NEWManaged multimodal retrieval.Explore platform →
    Document Understanding
    20 min read
    Updated 2026-05-20

    Structured Extraction from Unstructured Documents: How Vision-Language Models Replace OCR Pipelines

    A technical guide to extracting structured data from PDFs, invoices, forms, and tables using vision-language models. Covers how VLMs understand document layout natively, the architectures behind models like GOT-OCR, SmolDocling, and Granite Vision, and how to build extraction pipelines that handle mixed-content documents without templates.

    Document AI
    OCR
    VLM
    Structured Extraction
    Tables
    Forms

    The Problem: Documents Are Visual, But Pipelines Are Textual



    Every organization has a document problem. Invoices, contracts, insurance claims, scientific papers, tax forms -- the world produces trillions of pages annually, and the information locked inside them is structured (tables, key-value pairs, hierarchies) but stored in an unstructured format (pixels on a page).

    Traditional OCR pipelines treat this as a two-stage problem: first recognize characters, then apply rules to extract structure. That separation is the root of most failures. A table that spans two columns, a form field whose label is three lines above its value, a chart embedded next to a paragraph -- OCR sees characters. It does not see layout.

    The shift happening now is fundamental: vision-language models (VLMs) understand the entire page as a visual object and generate structured output directly. No intermediate text layer. No template rules. The model sees the document the way a human does -- spatially -- and reasons about what it contains.

    This guide covers the algorithms behind that shift, when each approach works, and how to build extraction pipelines that handle real-world documents.

    How Traditional OCR Works (and Where It Breaks)



    A classical document extraction pipeline has four stages:

    1. Image preprocessing -- deskewing, binarization, noise removal 2. Text detection -- finding bounding boxes of text regions (EAST, CRAFT, DBNet) 3. Text recognition -- converting each region to a character string (CRNN, TrOCR) 4. Post-processing -- rule-based or ML-based extraction of fields, tables, key-value pairs

    Each stage introduces compounding error. A slightly skewed scan produces bad bounding boxes, which produce garbled characters, which break downstream extraction rules. But the deeper issue is architectural: OCR pipelines discard spatial relationships between text regions. Once characters are recognized, the pipeline works with a flat text stream. The fact that "Total" appeared directly left of "$4,287.50" in a table row is lost unless you explicitly reconstruct it from coordinates.

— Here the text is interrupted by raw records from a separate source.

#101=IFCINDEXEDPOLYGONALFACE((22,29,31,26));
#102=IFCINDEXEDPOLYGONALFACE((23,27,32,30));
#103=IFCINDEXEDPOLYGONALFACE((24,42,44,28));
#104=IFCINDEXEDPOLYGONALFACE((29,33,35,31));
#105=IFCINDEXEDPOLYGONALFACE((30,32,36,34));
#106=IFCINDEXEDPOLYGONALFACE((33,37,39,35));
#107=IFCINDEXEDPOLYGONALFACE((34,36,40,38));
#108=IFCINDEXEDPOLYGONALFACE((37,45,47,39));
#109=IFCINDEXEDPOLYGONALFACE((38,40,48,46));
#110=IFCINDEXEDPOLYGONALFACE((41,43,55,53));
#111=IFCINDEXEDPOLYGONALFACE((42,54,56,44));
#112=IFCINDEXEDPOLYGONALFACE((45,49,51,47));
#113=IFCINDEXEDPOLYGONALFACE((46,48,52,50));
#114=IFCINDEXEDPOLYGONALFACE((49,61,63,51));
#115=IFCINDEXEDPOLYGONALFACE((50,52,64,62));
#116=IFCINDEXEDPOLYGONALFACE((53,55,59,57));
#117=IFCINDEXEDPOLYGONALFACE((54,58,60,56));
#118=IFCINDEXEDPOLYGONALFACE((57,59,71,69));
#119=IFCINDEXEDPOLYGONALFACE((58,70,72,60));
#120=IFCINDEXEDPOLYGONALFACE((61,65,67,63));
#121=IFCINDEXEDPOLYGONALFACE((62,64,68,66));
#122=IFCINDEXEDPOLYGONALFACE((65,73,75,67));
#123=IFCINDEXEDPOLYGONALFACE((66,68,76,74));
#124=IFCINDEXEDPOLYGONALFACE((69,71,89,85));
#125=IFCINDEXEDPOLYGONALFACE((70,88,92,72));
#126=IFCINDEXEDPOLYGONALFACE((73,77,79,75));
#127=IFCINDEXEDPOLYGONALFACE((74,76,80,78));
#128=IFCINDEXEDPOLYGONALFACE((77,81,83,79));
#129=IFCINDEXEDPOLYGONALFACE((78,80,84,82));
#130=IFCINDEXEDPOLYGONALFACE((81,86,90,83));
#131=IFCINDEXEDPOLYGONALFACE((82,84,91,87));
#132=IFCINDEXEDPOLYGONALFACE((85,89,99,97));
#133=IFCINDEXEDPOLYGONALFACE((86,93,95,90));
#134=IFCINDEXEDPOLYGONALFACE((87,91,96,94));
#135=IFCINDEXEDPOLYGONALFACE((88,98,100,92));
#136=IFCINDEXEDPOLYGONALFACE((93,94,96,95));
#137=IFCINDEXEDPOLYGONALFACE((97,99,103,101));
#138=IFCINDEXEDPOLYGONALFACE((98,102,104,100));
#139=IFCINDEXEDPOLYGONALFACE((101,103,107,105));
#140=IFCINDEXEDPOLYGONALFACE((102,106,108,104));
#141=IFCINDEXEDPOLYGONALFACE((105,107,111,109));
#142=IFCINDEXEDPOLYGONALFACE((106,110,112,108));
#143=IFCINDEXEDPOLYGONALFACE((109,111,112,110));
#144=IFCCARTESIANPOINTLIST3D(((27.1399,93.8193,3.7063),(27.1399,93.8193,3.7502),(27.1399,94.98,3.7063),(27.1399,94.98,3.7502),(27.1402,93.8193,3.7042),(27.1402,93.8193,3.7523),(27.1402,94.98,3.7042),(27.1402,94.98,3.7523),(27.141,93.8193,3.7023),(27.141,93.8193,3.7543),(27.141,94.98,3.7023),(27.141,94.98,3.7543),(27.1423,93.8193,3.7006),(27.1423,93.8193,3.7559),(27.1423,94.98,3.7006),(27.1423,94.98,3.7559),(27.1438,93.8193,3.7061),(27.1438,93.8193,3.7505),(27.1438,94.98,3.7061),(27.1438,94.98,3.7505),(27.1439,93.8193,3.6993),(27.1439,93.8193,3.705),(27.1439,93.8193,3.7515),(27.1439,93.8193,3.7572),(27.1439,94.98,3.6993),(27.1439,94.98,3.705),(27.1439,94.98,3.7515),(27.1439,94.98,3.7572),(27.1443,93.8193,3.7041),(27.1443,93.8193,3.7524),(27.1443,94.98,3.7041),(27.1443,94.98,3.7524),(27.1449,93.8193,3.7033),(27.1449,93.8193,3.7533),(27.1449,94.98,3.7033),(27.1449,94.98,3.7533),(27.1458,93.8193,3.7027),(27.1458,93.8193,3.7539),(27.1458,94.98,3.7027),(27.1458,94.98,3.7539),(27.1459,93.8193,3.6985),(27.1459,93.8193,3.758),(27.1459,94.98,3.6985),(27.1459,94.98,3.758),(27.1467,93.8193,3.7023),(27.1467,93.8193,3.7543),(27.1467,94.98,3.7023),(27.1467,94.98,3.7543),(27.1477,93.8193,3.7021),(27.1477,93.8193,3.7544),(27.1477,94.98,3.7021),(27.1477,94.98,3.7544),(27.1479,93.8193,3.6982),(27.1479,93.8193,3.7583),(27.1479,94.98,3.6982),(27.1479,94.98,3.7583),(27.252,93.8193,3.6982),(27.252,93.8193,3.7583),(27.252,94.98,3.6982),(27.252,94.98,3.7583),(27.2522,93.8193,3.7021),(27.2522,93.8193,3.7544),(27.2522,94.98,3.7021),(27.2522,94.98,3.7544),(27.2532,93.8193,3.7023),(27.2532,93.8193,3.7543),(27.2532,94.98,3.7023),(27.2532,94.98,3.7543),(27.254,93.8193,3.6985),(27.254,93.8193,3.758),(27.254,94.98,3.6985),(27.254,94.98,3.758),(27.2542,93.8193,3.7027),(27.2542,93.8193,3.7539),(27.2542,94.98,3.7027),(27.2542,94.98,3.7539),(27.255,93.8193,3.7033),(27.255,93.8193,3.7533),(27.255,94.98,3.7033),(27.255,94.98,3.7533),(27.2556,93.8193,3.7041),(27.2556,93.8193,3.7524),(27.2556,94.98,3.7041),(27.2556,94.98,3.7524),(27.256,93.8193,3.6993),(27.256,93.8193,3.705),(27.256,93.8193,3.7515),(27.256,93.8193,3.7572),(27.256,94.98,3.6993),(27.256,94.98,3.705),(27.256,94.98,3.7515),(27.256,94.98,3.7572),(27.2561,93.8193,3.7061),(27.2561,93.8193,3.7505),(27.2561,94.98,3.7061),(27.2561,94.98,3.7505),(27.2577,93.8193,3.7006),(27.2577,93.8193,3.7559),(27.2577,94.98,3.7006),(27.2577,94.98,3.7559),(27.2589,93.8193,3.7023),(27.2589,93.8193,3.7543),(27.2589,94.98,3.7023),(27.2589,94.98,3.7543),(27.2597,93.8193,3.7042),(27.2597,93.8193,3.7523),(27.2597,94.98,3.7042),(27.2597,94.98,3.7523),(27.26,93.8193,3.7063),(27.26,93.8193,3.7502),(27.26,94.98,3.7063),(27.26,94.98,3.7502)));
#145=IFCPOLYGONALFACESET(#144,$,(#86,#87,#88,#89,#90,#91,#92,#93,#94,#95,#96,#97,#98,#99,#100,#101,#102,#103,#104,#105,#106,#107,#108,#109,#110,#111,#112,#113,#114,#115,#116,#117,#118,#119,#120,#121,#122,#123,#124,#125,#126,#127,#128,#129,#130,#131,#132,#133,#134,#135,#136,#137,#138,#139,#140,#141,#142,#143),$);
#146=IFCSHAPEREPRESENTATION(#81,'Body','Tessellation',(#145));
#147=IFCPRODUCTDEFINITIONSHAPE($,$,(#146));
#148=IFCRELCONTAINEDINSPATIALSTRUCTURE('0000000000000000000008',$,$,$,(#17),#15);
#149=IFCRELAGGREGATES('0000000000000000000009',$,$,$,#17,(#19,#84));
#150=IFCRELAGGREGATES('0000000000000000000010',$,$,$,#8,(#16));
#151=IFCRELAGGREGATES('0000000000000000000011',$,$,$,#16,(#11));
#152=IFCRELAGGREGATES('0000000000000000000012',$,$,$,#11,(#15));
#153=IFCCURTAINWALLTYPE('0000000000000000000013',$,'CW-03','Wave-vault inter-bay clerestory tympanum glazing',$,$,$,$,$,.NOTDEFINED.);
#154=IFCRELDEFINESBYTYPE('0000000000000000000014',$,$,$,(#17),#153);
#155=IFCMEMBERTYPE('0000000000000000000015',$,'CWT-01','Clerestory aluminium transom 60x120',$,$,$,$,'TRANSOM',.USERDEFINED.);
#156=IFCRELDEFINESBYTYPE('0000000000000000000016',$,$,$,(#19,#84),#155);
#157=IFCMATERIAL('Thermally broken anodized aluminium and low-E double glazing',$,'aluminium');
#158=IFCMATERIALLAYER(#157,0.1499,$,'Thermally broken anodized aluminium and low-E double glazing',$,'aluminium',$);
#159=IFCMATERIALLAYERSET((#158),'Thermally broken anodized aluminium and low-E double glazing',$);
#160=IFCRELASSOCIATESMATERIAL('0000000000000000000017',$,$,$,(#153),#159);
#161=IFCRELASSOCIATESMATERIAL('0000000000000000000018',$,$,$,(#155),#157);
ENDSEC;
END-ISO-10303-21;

    This works for simple documents with fixed templates (utility bills, standard invoices). It breaks on:

  1. Complex tables: merged cells, nested headers, spanning rows, tables without visible borders
  2. Mixed content: documents interleaving text, tables, charts, diagrams, and images
  3. Variable layouts: the same document type from different issuers with different formatting
  4. Handwriting: OCR accuracy drops from 95%+ to 60-80% on handwritten annotations
  5. Multilingual content: documents mixing scripts (Latin + CJK + Arabic) in the same page


  6. The industry response was to add more stages -- table detection models, layout analysis models, handwriting recognizers -- each with its own training data, failure modes, and maintenance burden. A production document extraction pipeline in 2024 might chain 6-8 separate models.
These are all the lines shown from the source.